Also, it should take X hours to code a feature of Y size with this many fields
or inputs. There are unclearly established timelines for a job and any big
deviation from that will get you fired (or not hired again by the same
builder). There’s no “due to this plumber’s lack of sobriety with the world, a
project that should have taken 2 weeks took 4 and a half months, and the
connections on the joints are poor”.

------
rossdavidh
First off, let me say that I have happily WFH for a few years now.
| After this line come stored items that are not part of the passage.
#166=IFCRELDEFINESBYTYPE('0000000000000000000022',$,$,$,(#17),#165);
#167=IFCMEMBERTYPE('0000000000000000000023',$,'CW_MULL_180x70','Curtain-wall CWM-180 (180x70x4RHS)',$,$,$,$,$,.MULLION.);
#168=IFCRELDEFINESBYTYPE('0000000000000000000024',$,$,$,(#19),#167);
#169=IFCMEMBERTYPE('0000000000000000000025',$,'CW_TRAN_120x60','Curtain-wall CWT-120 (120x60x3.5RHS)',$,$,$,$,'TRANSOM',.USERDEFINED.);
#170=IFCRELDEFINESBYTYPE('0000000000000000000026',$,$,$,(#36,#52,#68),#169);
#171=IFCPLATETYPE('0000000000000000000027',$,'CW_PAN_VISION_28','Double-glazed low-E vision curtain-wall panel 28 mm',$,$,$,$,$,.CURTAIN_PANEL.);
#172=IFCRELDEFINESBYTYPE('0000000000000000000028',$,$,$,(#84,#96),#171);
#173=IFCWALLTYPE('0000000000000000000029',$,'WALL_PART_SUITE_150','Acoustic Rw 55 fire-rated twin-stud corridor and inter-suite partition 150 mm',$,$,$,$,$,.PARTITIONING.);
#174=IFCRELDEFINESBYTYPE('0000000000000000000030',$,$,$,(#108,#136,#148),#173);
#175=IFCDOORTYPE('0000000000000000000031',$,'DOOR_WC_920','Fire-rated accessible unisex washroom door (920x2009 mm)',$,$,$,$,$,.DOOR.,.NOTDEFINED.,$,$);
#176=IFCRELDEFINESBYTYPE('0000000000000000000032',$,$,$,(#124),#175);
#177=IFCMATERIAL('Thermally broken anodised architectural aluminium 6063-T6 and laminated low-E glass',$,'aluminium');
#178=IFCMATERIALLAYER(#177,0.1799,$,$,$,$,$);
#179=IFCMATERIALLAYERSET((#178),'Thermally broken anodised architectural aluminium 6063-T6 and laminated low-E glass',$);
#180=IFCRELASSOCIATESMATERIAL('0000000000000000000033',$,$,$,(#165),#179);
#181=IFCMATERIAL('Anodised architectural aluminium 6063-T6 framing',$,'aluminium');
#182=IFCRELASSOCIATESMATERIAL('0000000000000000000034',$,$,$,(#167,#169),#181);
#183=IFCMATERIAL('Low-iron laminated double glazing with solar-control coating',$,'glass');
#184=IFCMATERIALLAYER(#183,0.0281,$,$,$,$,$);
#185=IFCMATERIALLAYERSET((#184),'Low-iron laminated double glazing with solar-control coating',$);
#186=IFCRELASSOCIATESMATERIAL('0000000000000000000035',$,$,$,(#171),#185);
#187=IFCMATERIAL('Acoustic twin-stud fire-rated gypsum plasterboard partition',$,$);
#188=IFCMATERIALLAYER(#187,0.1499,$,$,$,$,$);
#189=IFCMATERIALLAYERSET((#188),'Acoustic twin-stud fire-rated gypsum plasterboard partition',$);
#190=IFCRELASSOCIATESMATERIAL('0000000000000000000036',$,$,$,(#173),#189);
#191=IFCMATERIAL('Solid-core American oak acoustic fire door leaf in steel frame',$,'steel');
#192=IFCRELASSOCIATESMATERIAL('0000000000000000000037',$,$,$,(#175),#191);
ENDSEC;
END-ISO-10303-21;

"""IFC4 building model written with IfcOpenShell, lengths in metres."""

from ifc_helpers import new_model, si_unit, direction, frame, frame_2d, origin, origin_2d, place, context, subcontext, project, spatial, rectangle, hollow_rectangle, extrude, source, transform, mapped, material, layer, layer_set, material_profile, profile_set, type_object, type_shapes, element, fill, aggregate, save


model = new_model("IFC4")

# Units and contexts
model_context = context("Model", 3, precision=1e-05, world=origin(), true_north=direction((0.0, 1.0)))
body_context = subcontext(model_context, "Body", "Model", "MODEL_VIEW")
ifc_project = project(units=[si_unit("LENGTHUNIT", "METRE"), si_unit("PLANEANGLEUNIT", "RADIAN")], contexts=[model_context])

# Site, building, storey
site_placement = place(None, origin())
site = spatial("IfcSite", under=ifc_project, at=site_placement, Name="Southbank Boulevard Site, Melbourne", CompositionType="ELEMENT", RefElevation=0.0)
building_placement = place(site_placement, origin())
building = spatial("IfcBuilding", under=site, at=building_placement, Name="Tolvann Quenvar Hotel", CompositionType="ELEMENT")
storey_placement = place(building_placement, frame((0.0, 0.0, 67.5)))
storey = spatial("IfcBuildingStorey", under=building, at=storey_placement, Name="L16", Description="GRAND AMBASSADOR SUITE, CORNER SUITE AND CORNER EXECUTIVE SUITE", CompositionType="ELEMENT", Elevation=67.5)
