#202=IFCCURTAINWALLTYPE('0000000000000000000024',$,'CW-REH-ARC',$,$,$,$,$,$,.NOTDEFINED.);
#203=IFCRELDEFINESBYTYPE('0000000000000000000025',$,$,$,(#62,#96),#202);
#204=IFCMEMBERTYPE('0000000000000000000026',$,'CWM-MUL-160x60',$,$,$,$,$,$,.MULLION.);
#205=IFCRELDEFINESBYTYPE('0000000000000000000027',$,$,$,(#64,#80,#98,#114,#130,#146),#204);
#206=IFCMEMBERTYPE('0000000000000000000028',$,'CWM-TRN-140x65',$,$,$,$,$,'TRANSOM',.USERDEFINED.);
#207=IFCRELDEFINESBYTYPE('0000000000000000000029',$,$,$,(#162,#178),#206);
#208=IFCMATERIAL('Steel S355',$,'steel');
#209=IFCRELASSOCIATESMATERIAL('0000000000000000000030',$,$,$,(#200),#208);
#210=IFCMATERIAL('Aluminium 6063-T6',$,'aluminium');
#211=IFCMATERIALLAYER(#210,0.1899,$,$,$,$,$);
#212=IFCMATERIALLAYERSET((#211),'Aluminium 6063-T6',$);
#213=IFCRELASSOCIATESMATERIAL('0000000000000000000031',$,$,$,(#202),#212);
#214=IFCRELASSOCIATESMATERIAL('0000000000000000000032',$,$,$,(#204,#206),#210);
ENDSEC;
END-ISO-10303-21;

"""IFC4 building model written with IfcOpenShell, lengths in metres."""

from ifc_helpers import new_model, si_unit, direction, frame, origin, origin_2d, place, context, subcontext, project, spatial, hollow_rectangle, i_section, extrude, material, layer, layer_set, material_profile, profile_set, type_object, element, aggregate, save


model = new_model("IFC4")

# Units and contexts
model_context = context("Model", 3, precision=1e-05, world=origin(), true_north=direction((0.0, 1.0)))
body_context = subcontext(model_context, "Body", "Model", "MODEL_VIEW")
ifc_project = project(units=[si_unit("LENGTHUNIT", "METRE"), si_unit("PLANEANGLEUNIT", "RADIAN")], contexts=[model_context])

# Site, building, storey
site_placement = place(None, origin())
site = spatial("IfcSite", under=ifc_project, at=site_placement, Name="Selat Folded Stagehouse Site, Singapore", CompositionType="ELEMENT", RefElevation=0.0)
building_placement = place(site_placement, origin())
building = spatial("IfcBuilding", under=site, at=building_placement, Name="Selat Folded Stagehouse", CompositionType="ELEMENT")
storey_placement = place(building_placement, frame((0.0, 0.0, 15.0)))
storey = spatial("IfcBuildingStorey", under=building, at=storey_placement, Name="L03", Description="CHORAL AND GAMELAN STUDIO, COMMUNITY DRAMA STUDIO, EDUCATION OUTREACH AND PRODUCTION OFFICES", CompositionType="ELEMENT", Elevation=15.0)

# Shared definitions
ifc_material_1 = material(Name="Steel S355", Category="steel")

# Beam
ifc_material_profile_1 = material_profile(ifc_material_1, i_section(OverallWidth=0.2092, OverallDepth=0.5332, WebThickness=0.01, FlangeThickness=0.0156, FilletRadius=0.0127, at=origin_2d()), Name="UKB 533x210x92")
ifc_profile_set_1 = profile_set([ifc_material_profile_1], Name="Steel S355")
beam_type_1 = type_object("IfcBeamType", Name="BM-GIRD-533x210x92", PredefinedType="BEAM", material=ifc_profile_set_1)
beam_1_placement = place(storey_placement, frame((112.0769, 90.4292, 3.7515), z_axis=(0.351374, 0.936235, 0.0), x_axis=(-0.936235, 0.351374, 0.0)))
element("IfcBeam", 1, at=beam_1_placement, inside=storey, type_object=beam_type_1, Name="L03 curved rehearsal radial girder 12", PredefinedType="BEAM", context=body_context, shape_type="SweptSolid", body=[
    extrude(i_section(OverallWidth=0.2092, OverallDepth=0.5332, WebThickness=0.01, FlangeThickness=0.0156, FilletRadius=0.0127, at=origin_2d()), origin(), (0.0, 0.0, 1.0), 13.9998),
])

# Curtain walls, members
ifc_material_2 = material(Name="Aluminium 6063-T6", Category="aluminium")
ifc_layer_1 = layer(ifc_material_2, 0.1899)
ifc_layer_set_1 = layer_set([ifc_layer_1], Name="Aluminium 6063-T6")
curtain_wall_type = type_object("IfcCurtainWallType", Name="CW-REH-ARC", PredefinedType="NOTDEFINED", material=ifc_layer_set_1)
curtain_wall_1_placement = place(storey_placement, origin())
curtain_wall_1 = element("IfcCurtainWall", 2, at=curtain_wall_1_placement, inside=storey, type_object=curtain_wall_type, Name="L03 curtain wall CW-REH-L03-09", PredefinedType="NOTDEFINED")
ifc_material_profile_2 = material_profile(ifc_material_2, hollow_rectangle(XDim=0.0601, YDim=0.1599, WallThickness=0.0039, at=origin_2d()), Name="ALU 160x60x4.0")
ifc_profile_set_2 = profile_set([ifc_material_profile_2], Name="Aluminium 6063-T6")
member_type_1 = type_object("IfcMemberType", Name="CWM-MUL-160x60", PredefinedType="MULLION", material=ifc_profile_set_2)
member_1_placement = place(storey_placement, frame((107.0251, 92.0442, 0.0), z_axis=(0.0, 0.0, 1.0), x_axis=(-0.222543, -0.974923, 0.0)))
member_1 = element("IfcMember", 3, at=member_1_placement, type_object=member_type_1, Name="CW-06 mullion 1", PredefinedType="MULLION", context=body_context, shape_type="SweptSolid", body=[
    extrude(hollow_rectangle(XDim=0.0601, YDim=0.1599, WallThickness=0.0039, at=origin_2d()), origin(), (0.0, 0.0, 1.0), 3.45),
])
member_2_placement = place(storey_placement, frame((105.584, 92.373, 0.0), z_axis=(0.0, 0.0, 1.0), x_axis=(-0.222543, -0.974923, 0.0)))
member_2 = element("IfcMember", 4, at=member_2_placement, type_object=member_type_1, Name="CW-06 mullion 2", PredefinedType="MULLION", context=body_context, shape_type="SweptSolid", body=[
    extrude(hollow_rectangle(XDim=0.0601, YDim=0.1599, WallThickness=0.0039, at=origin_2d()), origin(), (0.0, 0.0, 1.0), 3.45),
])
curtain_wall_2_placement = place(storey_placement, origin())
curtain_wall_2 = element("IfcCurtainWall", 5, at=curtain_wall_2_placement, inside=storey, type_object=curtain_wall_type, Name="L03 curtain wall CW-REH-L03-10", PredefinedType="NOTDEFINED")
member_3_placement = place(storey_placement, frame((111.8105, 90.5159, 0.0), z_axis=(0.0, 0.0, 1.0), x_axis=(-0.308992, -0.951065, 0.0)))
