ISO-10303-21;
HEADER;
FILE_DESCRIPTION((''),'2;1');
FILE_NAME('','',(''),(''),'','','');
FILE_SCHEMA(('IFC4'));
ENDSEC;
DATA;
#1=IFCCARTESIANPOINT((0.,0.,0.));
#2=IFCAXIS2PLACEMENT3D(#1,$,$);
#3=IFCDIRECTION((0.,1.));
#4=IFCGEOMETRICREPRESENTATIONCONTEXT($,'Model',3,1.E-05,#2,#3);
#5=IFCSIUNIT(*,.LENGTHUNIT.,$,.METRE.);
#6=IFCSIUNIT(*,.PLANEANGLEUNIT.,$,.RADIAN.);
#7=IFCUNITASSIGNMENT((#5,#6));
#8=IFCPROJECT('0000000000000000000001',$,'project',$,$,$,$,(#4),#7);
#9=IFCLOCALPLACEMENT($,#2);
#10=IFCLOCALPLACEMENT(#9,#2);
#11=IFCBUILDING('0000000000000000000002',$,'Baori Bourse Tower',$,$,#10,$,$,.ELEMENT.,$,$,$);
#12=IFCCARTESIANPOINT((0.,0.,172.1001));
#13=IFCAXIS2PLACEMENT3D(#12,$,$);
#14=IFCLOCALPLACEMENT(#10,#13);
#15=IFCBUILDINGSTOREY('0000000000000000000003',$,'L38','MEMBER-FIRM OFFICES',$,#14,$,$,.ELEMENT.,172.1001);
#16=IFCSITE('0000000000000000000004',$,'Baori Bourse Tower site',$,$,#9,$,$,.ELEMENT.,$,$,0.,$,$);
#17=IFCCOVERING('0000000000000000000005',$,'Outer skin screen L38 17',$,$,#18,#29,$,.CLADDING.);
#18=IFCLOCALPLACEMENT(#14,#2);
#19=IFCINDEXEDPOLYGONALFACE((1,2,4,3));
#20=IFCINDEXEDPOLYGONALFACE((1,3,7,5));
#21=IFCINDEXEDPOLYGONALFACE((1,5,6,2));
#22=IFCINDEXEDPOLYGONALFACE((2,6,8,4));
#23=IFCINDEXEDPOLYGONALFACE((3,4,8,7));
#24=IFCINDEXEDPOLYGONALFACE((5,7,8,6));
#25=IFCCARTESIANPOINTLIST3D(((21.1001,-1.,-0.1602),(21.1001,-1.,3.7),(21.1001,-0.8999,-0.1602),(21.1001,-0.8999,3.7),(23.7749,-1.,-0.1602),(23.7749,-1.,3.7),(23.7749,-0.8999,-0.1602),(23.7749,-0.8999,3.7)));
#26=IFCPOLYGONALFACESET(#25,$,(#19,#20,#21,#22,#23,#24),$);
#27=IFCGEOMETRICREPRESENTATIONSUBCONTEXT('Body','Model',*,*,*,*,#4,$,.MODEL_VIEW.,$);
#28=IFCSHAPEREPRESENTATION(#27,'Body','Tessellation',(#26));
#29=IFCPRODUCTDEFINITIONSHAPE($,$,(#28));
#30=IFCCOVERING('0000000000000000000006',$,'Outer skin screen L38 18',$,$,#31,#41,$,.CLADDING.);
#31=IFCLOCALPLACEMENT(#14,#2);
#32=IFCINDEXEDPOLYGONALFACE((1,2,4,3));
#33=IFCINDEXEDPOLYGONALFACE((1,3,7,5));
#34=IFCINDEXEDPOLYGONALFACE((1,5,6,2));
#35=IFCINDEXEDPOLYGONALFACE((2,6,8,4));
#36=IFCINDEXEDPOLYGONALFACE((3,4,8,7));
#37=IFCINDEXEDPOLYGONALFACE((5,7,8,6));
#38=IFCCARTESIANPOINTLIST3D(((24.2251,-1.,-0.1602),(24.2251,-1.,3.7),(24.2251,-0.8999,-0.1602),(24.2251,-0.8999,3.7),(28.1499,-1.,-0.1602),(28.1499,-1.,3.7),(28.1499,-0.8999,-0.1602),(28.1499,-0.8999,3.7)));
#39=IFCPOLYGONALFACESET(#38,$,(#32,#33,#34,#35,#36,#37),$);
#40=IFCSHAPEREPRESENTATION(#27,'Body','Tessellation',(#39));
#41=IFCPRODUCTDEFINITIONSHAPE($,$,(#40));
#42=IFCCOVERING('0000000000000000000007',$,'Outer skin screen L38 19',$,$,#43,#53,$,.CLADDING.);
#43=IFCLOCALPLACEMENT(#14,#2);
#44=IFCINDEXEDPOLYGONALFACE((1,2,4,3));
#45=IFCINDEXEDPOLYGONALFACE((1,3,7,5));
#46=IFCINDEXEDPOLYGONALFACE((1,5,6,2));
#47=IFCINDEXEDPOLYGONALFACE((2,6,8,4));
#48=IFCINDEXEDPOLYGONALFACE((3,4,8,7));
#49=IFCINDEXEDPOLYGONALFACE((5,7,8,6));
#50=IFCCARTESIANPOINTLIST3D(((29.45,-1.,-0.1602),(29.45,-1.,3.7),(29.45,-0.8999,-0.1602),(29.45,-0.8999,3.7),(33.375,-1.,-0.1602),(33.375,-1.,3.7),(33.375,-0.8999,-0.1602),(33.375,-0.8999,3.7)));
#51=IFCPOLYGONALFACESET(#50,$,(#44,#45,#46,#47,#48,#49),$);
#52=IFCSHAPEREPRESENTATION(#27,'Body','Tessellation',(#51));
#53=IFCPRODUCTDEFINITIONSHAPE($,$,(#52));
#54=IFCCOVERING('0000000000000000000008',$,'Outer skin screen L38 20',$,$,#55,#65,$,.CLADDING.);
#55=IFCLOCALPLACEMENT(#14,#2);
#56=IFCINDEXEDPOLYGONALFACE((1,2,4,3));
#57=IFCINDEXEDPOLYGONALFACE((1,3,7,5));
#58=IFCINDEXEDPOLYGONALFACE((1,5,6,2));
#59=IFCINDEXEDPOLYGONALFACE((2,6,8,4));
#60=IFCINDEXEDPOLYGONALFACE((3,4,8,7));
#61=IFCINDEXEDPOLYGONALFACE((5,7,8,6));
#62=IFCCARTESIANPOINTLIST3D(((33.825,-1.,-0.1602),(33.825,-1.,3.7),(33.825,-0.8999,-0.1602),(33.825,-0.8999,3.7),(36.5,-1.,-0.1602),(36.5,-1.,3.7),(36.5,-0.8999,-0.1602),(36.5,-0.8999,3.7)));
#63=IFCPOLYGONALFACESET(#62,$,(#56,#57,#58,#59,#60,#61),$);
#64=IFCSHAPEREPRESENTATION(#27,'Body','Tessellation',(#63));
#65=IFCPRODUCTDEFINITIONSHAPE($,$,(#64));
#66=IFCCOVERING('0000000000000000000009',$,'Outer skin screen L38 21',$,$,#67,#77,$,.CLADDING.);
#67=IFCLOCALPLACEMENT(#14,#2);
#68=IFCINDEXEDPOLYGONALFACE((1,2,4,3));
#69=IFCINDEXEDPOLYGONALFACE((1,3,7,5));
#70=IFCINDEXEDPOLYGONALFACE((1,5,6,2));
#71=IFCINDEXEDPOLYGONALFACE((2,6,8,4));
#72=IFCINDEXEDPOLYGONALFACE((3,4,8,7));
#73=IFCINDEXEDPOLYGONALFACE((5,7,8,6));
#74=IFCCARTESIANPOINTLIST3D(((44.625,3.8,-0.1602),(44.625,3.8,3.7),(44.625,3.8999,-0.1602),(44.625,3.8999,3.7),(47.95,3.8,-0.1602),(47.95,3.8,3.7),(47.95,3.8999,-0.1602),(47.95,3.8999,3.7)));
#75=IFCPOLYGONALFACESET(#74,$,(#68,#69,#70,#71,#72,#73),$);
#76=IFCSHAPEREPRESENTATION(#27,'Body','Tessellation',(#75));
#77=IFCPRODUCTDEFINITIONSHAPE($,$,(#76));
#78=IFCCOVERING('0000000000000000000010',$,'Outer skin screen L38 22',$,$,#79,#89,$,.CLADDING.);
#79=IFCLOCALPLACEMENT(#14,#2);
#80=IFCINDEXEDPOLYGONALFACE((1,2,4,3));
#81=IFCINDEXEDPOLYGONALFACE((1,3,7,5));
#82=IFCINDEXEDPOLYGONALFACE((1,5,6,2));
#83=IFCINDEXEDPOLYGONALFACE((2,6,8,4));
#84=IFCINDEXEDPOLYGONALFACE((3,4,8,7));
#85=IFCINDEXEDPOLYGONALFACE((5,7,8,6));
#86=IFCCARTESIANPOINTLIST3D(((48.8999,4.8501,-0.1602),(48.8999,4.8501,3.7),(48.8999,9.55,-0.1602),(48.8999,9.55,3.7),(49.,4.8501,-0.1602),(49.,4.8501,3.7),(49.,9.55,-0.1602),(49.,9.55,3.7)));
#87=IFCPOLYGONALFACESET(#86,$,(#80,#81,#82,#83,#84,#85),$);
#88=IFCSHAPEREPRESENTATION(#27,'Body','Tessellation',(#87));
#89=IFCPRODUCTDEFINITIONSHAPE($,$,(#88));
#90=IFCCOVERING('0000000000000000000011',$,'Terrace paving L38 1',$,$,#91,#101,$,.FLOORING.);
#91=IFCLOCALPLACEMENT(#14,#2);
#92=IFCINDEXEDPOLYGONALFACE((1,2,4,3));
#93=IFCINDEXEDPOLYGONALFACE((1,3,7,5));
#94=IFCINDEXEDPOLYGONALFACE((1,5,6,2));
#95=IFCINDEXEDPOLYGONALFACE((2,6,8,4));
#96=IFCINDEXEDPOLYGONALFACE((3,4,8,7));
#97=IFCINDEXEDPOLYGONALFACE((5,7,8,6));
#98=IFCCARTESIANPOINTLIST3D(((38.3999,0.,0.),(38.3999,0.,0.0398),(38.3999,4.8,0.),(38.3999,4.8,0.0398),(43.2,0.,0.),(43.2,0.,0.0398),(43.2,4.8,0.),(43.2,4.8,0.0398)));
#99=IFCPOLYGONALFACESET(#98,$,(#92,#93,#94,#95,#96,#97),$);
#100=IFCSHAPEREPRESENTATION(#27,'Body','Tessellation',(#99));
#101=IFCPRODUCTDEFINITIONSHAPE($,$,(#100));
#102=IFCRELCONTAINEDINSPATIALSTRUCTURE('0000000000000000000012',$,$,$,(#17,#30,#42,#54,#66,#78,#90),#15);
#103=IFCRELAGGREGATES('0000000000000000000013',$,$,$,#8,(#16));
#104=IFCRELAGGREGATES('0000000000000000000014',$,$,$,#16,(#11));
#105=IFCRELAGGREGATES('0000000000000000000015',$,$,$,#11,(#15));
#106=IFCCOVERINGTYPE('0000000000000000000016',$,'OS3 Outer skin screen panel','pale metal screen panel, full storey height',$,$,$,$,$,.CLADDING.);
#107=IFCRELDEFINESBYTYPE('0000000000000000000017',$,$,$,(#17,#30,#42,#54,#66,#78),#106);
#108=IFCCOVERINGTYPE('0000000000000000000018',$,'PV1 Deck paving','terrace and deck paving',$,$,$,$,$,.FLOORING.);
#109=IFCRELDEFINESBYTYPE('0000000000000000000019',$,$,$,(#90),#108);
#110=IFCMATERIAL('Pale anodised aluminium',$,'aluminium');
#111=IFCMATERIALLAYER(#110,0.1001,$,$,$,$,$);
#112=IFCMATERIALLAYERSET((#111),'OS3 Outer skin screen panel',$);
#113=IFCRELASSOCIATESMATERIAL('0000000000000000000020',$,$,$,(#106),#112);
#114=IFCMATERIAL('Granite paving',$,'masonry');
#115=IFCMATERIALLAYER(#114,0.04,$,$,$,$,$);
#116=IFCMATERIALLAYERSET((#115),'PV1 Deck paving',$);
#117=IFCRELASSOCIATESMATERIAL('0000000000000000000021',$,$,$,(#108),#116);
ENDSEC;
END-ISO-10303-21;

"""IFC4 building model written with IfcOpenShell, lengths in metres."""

from ifc_helpers import new_model, si_unit, direction, frame, origin, place, context, subcontext, project, spatial, polyline, outline, extrude, material, layer, layer_set, type_object, element, save


model = new_model("IFC4")

# Units and contexts
model_context = context("Model", 3, precision=1e-05, world=origin(), true_north=direction((0.0, 1.0)))
body_context = subcontext(model_context, "Body", "Model", "MODEL_VIEW")
ifc_project = project(units=[si_unit("LENGTHUNIT", "METRE"), si_unit("PLANEANGLEUNIT", "RADIAN")], contexts=[model_context])

# Site, building, storey
site_placement = place(None, origin())
site = spatial("IfcSite", under=ifc_project, at=site_placement, Name="Baori Bourse Tower site", CompositionType="ELEMENT", RefElevation=0.0)
building_placement = place(site_placement, origin())
building = spatial("IfcBuilding", under=site, at=building_placement, Name="Baori Bourse Tower", CompositionType="ELEMENT")
storey_placement = place(building_placement, frame((0.0, 0.0, 172.1001)))
storey = spatial("IfcBuildingStorey", under=building, at=storey_placement, Name="L38", Description="MEMBER-FIRM OFFICES", CompositionType="ELEMENT", Elevation=172.1001)

# Coverings
ifc_material_1 = material(Name="Pale anodised aluminium", Category="aluminium")
ifc_layer_1 = layer(ifc_material_1, 0.1001)
ifc_layer_set_1 = layer_set([ifc_layer_1], Name="OS3 Outer skin screen panel")
covering_type_1 = type_object("IfcCoveringType", Name="OS3 Outer skin screen panel", Description="pale metal screen panel, full storey height", PredefinedType="CLADDING", material=ifc_layer_set_1)
covering_1_placement = place(storey_placement, frame((0.0, 0.0, -0.1602)))
element("IfcCovering", 1, at=covering_1_placement, inside=storey, type_object=covering_type_1, Name="Outer skin screen L38 17", PredefinedType="CLADDING", context=body_context, shape_type="SweptSolid", body=[
    extrude(outline(polyline([(23.7749, -0.8999), (21.1001, -0.8999), (21.1001, -1.0), (23.7749, -1.0), (23.7749, -0.8999)])), origin(), (0.0, 0.0, 1.0), 3.8601),
])
covering_2_placement = place(storey_placement, frame((0.0, 0.0, -0.1602)))
element("IfcCovering", 2, at=covering_2_placement, inside=storey, type_object=covering_type_1, Name="Outer skin screen L38 18", PredefinedType="CLADDING", context=body_context, shape_type="SweptSolid", body=[
    extrude(outline(polyline([(28.1499, -0.8999), (24.2251, -0.8999), (24.2251, -1.0), (28.1499, -1.0), (28.1499, -0.8999)])), origin(), (0.0, 0.0, 1.0), 3.8601),
])
covering_3_placement = place(storey_placement, frame((0.0, 0.0, -0.1602)))
element("IfcCovering", 3, at=covering_3_placement, inside=storey, type_object=covering_type_1, Name="Outer skin screen L38 19", PredefinedType="CLADDING", context=body_context, shape_type="SweptSolid", body=[
    extrude(outline(polyline([(33.375, -0.8999), (29.45, -0.8999), (29.45, -1.0), (33.375, -1.0), (33.375, -0.8999)])), origin(), (0.0, 0.0, 1.0), 3.8601),
])
covering_4_placement = place(storey_placement, frame((0.0, 0.0, -0.1602)))
element("IfcCovering", 4, at=covering_4_placement, inside=storey, type_object=covering_type_1, Name="Outer skin screen L38 20", PredefinedType="CLADDING", context=body_context, shape_type="SweptSolid", body=[
    extrude(outline(polyline([(36.5, -0.8999), (33.825, -0.8999), (33.825, -1.0), (36.5, -1.0), (36.5, -0.8999)])), origin(), (0.0, 0.0, 1.0), 3.8601),
])
covering_5_placement = place(storey_placement, frame((0.0, 0.0, -0.1602)))
element("IfcCovering", 5, at=covering_5_placement, inside=storey, type_object=covering_type_1, Name="Outer skin screen L38 21", PredefinedType="CLADDING", context=body_context, shape_type="SweptSolid", body=[
    extrude(outline(polyline([(47.95, 3.8999), (44.625, 3.8999), (44.625, 3.8), (47.95, 3.8), (47.95, 3.8999)])), origin(), (0.0, 0.0, 1.0), 3.8601),
])
covering_6_placement = place(storey_placement, frame((0.0, 0.0, -0.1602)))
element("IfcCovering", 6, at=covering_6_placement, inside=storey, type_object=covering_type_1, Name="Outer skin screen L38 22", PredefinedType="CLADDING", context=body_context, shape_type="SweptSolid", body=[
    extrude(outline(polyline([(48.8999, 9.55), (48.8999, 4.8501), (49.0, 4.8501), (49.0, 9.55), (48.8999, 9.55)])), origin(), (0.0, 0.0, 1.0), 3.8601),
])
ifc_material_2 = material(Name="Granite paving", Category="masonry")
ifc_layer_2 = layer(ifc_material_2, 0.04)
ifc_layer_set_2 = layer_set([ifc_layer_2], Name="PV1 Deck paving")
covering_type_2 = type_object("IfcCoveringType", Name="PV1 Deck paving", Description="terrace and deck paving", PredefinedType="FLOORING", material=ifc_layer_set_2)
covering_7_placement = place(storey_placement, origin())
element("IfcCovering", 7, at=covering_7_placement, inside=storey, type_object=covering_type_2, Name="Terrace paving L38 1", PredefinedType="FLOORING", context=body_context, shape_type="SweptSolid", body=[
    extrude(outline(polyline([(38.3999, 0.0), (43.2, 0.0), (43.2, 4.8), (38.3999, 4.8), (38.3999, 0.0)])), origin(), (0.0, 0.0, 1.0), 0.0398),
])

save(model, "model.ifc")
I'm not
opposed to it. It works for some people.

However, this is likely a problem that will get worse, not better, over time.
The early WFH experience was able to cruise on the office connections, cross-
training, personal knowledge, team-building, etc. that had happened
previously. The longer people are away from the office, the more that hard-to-
quantify stuff will decay. Plus, onboarding a new college grad has got to be
challenging when there's not a group of experienced team members around them
to be able to see when they're struggling or headed off the wrong path without
realizing it.

All of these problems can be mitigated, but they won't be eliminated. There
will always be some positions and employees where WFH makes sense; as I said,
it has often worked for me. But the idea that half or even a quarter of
employees would become permanently WFH, is fantasy. It's kind of like having a
long-distance relationship. You can do it for a while, but the penalty mounts
over time in ways that are hard to quantify, but real nonetheless.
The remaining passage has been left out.